The few of you who are asking where the Triple Nine-cum-Speak Mandarin Campaign girl has been this final year. I'm back. All right, perchance not physically, just in literary spirit I am dorsum to enliven my fellow countrymen of my discoveries in Europe. Mainly, the cocky discovery of the Singaporean bimbo.
Rumours that Chong Chia Suan had gone to London after her filming in Prague to 'discover new showbiz opportunities' were floating around. Fact is, upon realising the tip of my bimbo-quotient iceberg, I decided to stay on in Europe to uncover the balance of it.
It began in Prague when I mistook 1 of the assistant directors to exist American when he clearly had a British accent. The truth was, no matter how I had pretended to be Ms-Know-All in the past, I really couldn't distinguish accents very well. After all, this is the same daughter who had to read the subtitles to Trainspotting to understand what the movie was all almost.
A stuntman who saw that I did not know anything about Europe at all suggested that I go to London, it being the center of the arts and everything, to larn a few things. My lesson began almost immediately every bit I crossed the channel from France to London past rail. My mind was instantly fogged with bimbo-ish ideas of french republic being on the other side of Europe from London. Voila! They were really correct next to each other. But, hang on a 2nd, weren't they supposed to be two big and unlike countries with separate cultures and languages, united by the one similar want to beat each other at everything? Then, how could they exist neighbours?
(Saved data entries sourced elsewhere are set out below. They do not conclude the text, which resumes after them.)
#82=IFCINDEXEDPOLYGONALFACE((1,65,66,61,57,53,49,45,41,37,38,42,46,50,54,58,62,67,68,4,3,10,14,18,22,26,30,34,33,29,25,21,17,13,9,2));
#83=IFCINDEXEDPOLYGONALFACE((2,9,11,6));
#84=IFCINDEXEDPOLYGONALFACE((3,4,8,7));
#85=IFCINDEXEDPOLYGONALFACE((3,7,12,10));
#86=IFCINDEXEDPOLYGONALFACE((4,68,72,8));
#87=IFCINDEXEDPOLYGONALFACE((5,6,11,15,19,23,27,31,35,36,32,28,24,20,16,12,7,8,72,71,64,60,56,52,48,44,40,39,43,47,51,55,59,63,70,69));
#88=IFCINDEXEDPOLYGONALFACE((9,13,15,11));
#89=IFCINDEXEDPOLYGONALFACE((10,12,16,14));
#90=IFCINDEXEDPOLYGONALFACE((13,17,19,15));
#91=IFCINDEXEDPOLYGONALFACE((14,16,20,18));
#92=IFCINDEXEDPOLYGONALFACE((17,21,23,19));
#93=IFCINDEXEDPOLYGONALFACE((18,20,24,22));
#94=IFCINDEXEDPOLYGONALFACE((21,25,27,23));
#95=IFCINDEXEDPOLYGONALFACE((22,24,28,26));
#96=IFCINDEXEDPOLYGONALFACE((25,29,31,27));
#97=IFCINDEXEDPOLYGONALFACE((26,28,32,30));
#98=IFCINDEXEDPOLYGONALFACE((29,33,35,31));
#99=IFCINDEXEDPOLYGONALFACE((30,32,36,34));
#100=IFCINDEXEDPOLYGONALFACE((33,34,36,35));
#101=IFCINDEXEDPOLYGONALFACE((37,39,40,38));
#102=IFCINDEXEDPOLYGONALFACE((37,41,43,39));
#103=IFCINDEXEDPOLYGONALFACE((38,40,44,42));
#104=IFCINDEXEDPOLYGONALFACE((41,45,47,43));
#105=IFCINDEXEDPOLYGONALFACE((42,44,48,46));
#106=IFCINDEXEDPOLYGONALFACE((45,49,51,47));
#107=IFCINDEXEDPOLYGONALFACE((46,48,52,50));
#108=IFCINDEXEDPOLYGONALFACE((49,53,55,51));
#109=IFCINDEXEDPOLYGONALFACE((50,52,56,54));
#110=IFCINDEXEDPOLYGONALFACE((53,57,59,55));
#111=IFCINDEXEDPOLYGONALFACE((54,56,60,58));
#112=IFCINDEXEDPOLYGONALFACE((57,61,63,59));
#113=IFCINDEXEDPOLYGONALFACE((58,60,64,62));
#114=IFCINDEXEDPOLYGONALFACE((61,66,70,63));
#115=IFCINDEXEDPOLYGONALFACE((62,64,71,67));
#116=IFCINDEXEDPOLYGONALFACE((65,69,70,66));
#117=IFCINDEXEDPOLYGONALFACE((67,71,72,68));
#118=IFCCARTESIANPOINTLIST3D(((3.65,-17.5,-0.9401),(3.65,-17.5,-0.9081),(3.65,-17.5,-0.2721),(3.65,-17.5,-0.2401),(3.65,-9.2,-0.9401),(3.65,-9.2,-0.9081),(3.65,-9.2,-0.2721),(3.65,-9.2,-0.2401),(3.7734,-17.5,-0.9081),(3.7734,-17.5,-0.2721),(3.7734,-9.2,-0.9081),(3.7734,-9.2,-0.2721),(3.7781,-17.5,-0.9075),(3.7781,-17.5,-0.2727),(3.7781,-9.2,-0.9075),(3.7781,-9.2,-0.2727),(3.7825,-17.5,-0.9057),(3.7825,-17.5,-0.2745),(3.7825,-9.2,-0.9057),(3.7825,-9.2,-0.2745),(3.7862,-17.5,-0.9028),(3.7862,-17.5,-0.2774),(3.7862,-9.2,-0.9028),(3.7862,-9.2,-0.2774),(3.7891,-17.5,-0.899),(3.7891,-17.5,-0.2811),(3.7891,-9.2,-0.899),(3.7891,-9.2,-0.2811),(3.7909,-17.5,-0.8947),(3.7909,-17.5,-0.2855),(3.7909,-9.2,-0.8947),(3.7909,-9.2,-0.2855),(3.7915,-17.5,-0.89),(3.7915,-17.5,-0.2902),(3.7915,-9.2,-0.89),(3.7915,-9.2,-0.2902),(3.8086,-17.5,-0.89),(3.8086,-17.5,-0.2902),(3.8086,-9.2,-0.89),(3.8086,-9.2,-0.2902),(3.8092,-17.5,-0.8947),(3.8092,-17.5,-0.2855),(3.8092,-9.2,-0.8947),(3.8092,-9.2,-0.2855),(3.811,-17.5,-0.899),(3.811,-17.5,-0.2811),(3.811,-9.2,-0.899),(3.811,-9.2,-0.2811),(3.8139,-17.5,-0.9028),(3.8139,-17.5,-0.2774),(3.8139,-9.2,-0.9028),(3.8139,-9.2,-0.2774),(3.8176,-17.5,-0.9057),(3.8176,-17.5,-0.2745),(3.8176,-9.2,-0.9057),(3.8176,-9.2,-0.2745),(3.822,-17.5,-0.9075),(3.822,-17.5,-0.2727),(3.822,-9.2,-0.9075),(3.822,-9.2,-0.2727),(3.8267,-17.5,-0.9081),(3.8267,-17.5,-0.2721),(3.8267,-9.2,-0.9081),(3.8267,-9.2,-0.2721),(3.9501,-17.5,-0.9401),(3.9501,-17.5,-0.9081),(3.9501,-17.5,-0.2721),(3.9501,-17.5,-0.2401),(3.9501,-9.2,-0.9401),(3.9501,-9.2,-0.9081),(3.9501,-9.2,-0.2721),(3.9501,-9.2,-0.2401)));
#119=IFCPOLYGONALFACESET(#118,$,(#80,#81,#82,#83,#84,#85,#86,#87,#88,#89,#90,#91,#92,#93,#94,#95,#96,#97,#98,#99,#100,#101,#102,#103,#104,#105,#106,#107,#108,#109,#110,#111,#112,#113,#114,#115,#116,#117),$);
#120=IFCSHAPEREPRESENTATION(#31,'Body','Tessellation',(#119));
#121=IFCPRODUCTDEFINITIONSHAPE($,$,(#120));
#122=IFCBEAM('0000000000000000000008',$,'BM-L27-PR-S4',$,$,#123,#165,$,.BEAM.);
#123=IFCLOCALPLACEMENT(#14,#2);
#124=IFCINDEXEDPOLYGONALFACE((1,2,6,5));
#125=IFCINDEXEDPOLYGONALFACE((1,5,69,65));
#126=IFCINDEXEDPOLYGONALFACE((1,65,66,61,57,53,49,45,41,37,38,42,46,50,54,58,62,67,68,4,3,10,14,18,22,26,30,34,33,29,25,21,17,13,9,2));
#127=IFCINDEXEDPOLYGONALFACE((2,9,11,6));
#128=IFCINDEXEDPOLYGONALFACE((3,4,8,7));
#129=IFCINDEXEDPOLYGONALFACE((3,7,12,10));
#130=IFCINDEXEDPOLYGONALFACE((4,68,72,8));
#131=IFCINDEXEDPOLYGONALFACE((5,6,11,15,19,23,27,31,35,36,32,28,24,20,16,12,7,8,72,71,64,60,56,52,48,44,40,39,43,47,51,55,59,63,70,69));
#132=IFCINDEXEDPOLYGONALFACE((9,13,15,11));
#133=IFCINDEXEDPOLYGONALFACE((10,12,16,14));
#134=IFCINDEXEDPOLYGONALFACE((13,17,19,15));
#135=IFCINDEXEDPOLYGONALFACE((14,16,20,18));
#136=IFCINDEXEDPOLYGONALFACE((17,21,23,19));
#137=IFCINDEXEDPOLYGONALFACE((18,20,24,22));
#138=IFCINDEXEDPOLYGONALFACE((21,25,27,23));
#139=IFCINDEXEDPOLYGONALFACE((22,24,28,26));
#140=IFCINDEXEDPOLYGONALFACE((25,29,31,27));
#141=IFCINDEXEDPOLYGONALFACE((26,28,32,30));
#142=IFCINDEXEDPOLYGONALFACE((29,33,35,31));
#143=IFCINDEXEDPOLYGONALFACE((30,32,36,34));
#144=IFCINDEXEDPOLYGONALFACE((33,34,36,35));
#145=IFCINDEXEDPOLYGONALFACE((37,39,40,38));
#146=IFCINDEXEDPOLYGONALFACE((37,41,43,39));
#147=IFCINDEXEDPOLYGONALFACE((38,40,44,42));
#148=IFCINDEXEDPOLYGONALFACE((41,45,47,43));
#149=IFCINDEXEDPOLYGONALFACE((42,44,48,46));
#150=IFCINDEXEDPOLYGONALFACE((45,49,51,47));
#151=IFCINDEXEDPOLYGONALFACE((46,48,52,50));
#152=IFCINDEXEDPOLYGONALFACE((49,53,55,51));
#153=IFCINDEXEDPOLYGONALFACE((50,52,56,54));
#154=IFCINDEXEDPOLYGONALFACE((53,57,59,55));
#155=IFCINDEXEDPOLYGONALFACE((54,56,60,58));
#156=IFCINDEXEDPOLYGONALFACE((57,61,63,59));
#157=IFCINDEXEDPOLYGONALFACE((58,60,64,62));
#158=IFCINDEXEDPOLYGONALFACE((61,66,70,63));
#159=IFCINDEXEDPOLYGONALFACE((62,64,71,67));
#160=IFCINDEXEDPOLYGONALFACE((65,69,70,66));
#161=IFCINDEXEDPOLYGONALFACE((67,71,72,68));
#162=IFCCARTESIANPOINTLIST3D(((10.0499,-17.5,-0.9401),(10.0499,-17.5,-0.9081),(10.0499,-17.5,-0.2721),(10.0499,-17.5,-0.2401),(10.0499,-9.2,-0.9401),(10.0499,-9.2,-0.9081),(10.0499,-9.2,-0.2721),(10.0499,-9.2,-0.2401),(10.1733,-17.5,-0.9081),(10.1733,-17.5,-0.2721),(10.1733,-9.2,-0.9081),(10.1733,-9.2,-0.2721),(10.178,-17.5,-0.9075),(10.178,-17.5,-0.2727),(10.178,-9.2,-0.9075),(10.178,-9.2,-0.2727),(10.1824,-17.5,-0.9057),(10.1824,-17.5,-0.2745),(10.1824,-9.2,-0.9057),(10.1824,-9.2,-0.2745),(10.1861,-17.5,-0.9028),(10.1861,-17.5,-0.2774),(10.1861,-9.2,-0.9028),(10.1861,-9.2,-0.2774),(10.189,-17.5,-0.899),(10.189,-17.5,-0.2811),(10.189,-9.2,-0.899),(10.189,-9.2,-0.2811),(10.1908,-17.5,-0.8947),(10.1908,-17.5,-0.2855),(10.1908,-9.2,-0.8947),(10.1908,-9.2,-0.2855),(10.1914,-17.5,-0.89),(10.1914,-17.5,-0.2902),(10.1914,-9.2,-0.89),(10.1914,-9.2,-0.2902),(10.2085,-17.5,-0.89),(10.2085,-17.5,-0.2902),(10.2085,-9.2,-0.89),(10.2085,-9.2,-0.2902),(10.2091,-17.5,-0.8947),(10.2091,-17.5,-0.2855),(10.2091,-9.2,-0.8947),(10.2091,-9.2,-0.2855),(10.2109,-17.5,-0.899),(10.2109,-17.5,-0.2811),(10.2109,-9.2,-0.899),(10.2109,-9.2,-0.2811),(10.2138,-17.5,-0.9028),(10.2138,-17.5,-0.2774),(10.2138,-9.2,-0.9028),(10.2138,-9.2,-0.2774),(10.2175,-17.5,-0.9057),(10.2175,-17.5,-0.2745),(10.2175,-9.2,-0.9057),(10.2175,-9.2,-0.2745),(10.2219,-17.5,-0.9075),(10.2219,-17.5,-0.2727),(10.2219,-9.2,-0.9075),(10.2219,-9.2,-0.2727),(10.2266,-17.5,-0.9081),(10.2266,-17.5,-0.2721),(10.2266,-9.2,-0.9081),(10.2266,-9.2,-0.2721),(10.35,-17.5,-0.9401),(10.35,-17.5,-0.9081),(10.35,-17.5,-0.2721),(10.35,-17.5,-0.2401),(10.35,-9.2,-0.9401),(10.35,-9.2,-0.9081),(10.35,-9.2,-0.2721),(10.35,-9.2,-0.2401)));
Bimbotic revelations connected as I walked the streets of London, ecstatic that the places on my Monopoly board REALLY did exist. There I was, all by myself, in the middle of a busy street, jumping upward and downward, giggling uncontrollably and yelling to anyone who would mind, "Hey! Trafalgar Square! Piccadilly Circus! Bond Street and cheapo Old Kent Route!"
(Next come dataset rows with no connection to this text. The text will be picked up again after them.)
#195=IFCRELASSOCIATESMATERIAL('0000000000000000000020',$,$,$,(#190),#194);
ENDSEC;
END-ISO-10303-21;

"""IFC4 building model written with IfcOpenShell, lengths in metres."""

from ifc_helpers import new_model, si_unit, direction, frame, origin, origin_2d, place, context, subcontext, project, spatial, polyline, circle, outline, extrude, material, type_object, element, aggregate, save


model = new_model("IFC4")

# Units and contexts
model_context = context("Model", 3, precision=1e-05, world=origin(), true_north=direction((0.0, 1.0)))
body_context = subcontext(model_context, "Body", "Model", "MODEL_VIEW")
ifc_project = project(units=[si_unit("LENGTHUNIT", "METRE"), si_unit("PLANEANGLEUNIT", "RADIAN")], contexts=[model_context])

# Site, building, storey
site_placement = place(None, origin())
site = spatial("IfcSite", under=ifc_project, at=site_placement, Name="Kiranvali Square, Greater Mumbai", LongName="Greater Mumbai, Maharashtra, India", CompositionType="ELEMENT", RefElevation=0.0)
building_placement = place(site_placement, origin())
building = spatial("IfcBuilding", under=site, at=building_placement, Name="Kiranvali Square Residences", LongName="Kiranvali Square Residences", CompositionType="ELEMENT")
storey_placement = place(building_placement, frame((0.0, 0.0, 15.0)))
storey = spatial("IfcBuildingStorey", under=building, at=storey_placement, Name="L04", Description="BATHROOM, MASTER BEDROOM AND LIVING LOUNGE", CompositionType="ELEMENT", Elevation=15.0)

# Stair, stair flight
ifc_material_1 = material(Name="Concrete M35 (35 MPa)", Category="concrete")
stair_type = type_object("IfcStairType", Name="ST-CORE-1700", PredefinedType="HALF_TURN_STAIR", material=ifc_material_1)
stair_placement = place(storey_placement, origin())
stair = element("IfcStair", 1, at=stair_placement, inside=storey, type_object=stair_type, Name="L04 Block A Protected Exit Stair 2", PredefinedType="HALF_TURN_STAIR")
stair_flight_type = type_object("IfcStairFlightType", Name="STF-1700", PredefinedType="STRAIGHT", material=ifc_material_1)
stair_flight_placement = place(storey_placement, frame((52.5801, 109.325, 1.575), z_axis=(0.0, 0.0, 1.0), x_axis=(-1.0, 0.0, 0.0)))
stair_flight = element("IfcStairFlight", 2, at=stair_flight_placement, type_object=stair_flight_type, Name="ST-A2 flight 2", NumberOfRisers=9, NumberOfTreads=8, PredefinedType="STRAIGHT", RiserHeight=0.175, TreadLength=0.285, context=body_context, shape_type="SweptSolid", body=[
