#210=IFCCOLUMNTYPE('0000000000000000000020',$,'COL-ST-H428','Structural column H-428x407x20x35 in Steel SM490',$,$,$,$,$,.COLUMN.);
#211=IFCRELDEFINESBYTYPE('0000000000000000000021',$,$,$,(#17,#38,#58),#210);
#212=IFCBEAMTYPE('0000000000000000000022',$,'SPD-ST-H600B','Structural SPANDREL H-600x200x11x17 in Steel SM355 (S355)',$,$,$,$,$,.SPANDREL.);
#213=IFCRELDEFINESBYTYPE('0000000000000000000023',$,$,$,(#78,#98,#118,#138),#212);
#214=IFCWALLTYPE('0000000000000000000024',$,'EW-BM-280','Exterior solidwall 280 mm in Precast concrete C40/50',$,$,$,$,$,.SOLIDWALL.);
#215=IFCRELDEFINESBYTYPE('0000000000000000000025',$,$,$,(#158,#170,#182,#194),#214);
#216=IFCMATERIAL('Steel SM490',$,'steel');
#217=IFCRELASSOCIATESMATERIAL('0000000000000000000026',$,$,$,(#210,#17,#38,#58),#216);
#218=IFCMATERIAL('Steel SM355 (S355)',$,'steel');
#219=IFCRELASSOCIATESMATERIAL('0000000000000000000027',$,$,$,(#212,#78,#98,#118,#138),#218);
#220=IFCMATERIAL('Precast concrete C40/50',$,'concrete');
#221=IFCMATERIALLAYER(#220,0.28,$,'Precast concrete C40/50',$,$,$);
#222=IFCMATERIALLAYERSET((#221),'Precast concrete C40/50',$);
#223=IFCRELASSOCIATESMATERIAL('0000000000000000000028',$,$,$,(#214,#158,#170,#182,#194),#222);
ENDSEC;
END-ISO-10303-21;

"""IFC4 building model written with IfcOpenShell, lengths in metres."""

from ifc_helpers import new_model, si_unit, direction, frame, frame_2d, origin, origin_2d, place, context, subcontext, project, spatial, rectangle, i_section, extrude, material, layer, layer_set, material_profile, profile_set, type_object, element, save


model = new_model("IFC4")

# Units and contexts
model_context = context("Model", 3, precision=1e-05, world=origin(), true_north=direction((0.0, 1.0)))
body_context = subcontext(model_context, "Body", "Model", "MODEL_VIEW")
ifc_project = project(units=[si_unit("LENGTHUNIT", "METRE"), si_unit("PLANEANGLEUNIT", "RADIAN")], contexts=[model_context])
And I started to sob at the sight of those cerise toy buses and postboxes I used to play with, here, diddled-upward life-size, and moving for real.
At commencement, I thought I could become away with the alibi that being Singaporean, I lived a sheltered life and did not know quite as much almost the rest of the globe. My new Finnish flatmates soon caught on to the fact that my ill-knowledge of the world was incurable when I actually believed them when they told me that penguins were kept in residential backyards, and that polar bears were sold in pet shops in Republic of finland. They establish my stupidity quite funny at starting time, and repeatedly tried to convince me of ridiculous trivia which sounded perfectly plausible to me, starting with the high rates of deaths in Finland caused by men peeing out in the minus fifty cold to the number of Finnish people who lived in igloos.
I stood uncontested as the very personification of 'bimbo'. For a while. They before long tired of insistence that the capital of Switzerland was Stockholm, Kingdom of the netherlands was just another proper noun for Kingdom of denmark, Budapest was a Centre-Eastern urban center, and Netherlands used to be part of Russian federation.
Thankfully, the people of England seemed to non merely forgive, merely are deliriously obsessed with stupidity. Summit television programmes readily feature cerebrally-challenged people. Recollect Harry Enfield, the Monty Python Series, The Fast Testify, and those of y'all not familiar with any of the higher up, yous force me to mention – Mr Bean.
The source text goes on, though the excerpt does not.